I am surprised that the difference was that small, but thanks for the interesting test. Many people just can't seem to understand the fact that rubber weighs less than metal and handling will generally be better with the lighter wheel/tire combo. Your comments on how these combos performed differently as they warmed up was instructive.
The drive to larger wheels was driven by larger, heavier cars needing larger brakes. A 15" isn't going to cover brakes large enough for a 3400 lb car with 250 or more HP.
I suspect most understand smaller is lighter. But if you aren't chasing wins in TT or AutoX, most people don't care. Including myself.
wspohn
SuperDork
2/10/21 11:49 a.m.
z31maniac said:
The drive to larger wheels was driven by larger, heavier cars needing larger brakes. A 15" isn't going to cover brakes large enough for a 3400 lb car with 250 or more HP.

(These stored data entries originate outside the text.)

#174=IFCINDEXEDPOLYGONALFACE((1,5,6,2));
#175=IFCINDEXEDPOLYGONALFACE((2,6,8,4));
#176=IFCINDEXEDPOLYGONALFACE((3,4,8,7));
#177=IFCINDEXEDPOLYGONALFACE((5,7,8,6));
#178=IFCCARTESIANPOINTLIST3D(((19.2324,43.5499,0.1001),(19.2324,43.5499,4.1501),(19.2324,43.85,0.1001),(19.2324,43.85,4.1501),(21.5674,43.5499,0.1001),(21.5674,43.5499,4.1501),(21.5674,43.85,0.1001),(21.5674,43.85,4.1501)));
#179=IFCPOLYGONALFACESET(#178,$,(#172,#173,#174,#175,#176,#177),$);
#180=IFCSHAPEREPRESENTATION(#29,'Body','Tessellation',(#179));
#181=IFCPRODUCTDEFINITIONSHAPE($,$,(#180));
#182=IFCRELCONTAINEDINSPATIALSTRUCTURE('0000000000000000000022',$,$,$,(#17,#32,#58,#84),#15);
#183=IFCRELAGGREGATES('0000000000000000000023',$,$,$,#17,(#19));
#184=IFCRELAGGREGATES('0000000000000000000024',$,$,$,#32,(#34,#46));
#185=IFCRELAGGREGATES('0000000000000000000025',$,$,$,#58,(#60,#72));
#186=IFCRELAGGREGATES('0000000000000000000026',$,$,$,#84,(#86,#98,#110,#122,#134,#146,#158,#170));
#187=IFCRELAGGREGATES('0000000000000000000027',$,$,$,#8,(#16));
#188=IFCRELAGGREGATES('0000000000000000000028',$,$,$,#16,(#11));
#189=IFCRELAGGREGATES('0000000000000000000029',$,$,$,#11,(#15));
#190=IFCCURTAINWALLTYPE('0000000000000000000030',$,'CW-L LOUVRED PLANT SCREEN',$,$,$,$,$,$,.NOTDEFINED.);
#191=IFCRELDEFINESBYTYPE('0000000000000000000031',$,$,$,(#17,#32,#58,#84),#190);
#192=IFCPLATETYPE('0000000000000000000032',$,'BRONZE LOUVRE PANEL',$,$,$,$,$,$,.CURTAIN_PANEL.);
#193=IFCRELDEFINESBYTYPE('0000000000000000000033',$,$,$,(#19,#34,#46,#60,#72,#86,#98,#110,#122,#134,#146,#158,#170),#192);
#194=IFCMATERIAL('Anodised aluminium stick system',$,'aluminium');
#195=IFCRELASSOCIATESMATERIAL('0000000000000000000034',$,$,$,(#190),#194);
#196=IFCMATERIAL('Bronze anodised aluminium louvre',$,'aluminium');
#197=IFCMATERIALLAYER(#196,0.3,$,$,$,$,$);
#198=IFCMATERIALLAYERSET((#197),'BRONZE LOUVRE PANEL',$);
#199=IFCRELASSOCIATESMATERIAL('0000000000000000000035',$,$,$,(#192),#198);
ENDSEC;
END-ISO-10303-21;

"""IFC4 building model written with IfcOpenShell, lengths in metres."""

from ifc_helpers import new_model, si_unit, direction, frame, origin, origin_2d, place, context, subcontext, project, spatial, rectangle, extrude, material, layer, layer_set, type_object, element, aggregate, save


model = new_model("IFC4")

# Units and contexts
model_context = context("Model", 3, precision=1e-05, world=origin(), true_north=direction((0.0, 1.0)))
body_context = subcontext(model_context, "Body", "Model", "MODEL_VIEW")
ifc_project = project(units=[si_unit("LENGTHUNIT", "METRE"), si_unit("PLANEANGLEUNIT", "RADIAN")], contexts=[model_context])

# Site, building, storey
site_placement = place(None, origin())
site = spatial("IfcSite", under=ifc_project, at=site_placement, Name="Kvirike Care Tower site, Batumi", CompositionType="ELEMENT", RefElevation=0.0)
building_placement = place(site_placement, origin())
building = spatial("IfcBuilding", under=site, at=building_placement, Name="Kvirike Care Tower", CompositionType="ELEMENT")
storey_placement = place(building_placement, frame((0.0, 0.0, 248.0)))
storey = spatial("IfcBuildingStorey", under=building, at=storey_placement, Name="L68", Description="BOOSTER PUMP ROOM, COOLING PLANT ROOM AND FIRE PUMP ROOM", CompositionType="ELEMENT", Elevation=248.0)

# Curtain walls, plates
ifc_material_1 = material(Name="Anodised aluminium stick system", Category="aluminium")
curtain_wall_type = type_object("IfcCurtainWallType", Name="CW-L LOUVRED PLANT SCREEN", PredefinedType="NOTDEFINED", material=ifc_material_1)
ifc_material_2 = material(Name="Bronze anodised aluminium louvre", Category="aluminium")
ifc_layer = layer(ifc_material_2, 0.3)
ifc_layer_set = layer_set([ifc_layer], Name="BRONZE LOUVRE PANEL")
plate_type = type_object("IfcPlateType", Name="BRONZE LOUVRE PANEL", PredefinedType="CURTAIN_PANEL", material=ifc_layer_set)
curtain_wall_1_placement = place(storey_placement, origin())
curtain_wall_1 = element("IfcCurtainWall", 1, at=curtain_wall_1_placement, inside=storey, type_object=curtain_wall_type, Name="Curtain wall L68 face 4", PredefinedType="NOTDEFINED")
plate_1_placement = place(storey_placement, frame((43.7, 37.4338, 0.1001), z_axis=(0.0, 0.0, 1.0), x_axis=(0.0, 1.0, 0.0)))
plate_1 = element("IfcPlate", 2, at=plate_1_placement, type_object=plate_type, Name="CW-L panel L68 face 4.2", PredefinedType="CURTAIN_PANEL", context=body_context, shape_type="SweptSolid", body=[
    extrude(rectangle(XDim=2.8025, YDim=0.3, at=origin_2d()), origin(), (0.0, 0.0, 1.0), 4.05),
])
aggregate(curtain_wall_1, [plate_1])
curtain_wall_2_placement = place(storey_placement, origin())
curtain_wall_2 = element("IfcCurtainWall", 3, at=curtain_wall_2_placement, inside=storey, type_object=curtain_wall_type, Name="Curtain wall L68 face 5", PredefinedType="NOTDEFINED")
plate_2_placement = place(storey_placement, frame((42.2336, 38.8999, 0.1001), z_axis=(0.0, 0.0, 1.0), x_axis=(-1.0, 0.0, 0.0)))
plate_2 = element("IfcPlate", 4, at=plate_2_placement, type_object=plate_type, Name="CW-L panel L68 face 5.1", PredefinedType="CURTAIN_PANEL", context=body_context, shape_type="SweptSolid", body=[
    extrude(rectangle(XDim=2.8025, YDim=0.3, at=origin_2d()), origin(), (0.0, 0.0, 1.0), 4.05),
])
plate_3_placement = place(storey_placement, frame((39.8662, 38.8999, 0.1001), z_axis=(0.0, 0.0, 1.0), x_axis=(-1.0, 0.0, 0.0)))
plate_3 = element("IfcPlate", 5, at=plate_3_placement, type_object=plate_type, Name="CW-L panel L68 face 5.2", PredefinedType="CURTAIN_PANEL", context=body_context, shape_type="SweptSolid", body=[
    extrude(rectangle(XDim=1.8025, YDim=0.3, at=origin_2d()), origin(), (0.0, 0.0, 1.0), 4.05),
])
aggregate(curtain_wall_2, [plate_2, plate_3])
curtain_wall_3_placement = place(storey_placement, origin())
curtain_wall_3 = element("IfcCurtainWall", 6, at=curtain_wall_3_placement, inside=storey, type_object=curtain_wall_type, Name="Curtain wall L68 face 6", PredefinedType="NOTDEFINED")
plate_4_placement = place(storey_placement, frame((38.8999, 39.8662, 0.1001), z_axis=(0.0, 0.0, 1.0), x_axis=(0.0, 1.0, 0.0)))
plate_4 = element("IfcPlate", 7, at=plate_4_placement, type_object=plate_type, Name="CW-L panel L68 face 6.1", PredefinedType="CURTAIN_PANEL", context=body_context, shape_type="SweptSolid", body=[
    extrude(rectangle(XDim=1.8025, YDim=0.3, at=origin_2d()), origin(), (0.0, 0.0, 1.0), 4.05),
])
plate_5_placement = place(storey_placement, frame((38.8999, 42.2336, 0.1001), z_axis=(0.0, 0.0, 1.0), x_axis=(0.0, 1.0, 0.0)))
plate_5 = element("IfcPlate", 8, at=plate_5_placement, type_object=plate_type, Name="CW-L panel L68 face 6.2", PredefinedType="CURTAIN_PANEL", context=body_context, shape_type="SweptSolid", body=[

I don't know that this is correct. You can buy Wilwood 12"+ brakes that fit inside 15" wheels and do a fine job of braking full size American cars.
https://www.hotrod.com/articles/step-huge-12-inch-brakes-keep-15-inch-wheels/
wspohn said:
z31maniac said:
The drive to larger wheels was driven by larger, heavier cars needing larger brakes. A 15" isn't going to cover brakes large enough for a 3400 lb car with 250 or more HP.
I don't know that this is correct. You can buy Wilwood 12"+ brakes that fit inside 15" wheels and do a fine job of braking full size American cars.
https://www.hotrod.com/articles/step-huge-12-inch-brakes-keep-15-inch-wheels/
Agreed. And BMW has packaged 13+ inch rotors inside 16s with enough room for sliding calipers, so I'd expect that's not the limit with lower profile calipers.
In reply to Tom1200 :
Depends on how heavy the car is. The heavier the car, the less sensitive it is to unsprung weight. For example, anything larger than a 15" wheel is despised on Miata forums. Check the online forums for your car. They can give you a good answer.
In reply to buzzboy :
They should, but the aspect ratios were chosen to keep the outside diameter nearly the same.